The above description and drawings sufficiently illustrate embodiments of the disclosure to enable those skilled in the art to practice them. Other embodiments may include structural and other changes. The examples merely typify possible variations. Individual components and functions are optional unless explicitly required, and the sequence of operations may vary. Portions and features of some embodiments may be included in or substituted for those of others. The embodiments of the present disclosure are not limited to the structures that have been described above and shown in the drawings, and various modifications and changes may be made without departing from the scope thereof. The scope of the present disclosure is limited only by the appended claims.

Claims

1. A burner, comprising:

the partition board is used for enclosing a secondary air channel, is arranged in the fuel gas channel and is communicated with the secondary air inlet and the secondary air outlet; the separator includes: a top sidewall, a vertical wall, and an inclined wall connecting the top sidewall and the vertical wall.

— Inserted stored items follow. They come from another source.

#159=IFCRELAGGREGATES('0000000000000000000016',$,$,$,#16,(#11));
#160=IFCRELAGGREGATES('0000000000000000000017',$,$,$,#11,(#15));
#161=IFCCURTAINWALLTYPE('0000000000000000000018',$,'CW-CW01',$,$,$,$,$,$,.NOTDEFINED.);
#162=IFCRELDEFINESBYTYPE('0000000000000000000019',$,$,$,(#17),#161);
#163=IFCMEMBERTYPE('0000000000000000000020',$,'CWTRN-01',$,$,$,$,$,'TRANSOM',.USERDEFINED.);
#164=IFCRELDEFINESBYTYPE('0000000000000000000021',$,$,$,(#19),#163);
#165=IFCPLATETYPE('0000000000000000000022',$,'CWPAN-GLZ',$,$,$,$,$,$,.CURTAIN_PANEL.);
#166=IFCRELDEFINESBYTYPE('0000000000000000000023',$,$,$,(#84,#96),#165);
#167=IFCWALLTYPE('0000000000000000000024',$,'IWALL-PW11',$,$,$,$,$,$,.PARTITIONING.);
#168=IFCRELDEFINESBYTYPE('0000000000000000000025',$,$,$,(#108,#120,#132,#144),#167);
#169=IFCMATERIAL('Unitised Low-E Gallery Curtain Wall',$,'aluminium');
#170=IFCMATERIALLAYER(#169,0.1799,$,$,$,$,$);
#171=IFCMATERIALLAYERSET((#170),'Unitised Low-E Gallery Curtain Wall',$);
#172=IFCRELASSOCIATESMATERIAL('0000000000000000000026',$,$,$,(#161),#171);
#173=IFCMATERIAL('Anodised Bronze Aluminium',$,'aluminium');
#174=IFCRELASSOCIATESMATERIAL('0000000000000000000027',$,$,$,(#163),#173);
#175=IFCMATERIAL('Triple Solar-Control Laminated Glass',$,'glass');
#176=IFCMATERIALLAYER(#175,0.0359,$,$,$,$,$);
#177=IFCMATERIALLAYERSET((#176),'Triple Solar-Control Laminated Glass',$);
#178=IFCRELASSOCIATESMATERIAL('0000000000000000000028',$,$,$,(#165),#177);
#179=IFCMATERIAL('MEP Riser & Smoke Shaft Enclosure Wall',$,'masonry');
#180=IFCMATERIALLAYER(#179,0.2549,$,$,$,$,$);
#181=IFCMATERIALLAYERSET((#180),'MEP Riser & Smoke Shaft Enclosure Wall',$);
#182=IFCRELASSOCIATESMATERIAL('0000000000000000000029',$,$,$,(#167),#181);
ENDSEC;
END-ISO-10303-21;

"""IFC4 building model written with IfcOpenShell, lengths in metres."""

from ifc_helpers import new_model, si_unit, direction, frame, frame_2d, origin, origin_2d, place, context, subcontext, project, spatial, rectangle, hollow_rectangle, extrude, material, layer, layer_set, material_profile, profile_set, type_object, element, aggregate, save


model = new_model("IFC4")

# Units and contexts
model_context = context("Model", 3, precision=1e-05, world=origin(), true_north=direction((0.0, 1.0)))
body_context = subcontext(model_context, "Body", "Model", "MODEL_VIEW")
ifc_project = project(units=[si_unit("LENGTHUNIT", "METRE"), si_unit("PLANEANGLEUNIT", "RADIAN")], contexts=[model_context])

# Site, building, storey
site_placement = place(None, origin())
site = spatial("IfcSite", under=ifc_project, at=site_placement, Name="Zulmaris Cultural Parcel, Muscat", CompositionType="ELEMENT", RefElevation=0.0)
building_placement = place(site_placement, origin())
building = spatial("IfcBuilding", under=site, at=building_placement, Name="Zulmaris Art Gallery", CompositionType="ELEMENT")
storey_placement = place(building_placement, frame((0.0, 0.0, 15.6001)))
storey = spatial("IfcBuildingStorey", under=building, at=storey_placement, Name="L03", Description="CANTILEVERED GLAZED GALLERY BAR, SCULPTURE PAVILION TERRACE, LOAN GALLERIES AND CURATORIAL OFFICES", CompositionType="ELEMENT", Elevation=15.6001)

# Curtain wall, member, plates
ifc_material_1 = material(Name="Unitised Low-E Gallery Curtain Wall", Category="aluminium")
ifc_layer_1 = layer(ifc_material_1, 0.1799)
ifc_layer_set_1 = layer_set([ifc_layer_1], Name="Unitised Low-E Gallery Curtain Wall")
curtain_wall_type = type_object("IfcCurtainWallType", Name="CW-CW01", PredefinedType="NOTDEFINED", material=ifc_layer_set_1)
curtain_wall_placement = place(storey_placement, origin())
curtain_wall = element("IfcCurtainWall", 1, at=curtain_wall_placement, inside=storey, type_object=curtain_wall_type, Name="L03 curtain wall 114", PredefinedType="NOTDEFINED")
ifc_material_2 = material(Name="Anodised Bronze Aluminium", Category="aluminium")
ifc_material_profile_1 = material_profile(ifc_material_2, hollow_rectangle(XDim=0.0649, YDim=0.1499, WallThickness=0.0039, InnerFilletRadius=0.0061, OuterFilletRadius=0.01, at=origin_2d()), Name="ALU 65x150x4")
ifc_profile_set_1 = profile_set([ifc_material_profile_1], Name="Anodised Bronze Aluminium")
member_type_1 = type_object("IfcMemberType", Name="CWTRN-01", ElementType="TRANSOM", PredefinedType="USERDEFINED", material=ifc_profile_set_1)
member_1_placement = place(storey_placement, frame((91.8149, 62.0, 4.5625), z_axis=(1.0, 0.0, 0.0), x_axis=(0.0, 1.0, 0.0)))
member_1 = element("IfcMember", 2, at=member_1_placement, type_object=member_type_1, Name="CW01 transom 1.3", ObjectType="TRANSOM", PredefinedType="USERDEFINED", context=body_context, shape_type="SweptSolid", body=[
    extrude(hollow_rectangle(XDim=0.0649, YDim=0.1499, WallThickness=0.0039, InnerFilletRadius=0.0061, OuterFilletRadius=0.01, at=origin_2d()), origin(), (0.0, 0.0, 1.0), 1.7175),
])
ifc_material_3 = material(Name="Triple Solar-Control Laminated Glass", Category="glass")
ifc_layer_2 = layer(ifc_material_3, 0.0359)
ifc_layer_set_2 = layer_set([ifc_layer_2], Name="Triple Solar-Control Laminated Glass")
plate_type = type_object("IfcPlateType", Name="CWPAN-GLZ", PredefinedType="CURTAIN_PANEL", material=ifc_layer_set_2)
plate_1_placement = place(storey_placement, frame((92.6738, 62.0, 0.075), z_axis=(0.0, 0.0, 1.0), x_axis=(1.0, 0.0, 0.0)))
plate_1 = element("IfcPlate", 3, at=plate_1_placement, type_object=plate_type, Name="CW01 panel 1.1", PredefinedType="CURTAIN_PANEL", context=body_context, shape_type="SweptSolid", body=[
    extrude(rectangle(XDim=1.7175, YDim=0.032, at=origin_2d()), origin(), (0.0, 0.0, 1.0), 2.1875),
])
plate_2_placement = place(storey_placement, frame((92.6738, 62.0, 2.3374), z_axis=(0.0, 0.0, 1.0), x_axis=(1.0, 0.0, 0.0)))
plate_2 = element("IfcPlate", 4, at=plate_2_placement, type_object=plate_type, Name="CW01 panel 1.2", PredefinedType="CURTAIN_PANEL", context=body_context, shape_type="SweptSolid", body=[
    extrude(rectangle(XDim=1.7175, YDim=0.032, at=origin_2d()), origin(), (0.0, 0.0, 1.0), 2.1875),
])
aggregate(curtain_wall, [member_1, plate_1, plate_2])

2. The burner of claim 1, wherein the inclined wall comprises:

the second inclined wall is arranged below the top side wall and connected with the second side edge of the top side wall, and the second side edge is opposite to the first side edge and forms an obtuse angle with the included angle of the top side wall.

3. The burner of claim 2, wherein the first sloped wall and the second sloped wall are symmetrically disposed.

4. The burner of claim 3, wherein the first inclined wall and the second inclined wall are inclined at an angle of 45 ° to 80 °.

5. The burner of claim 2, wherein the vertical wall comprises:

the first vertical wall is connected with the first inclined wall;

6. The burner of claim 5, wherein an area of the first sloped wall and an area of the second sloped wall are each less than an area of the top sidewall.

7. The burner of claim 5, wherein the baffle further includes:

8. The burner of any one of claims 1 to 7, wherein the number of secondary air channels is multiple and symmetrically distributed.

9. The burner of any of claims 1 to 7, wherein the partition is uniform in thickness.

10. A burner, comprising:

the jamb of any of claims 1 to 9;

and the fire cover is arranged above the furnace end.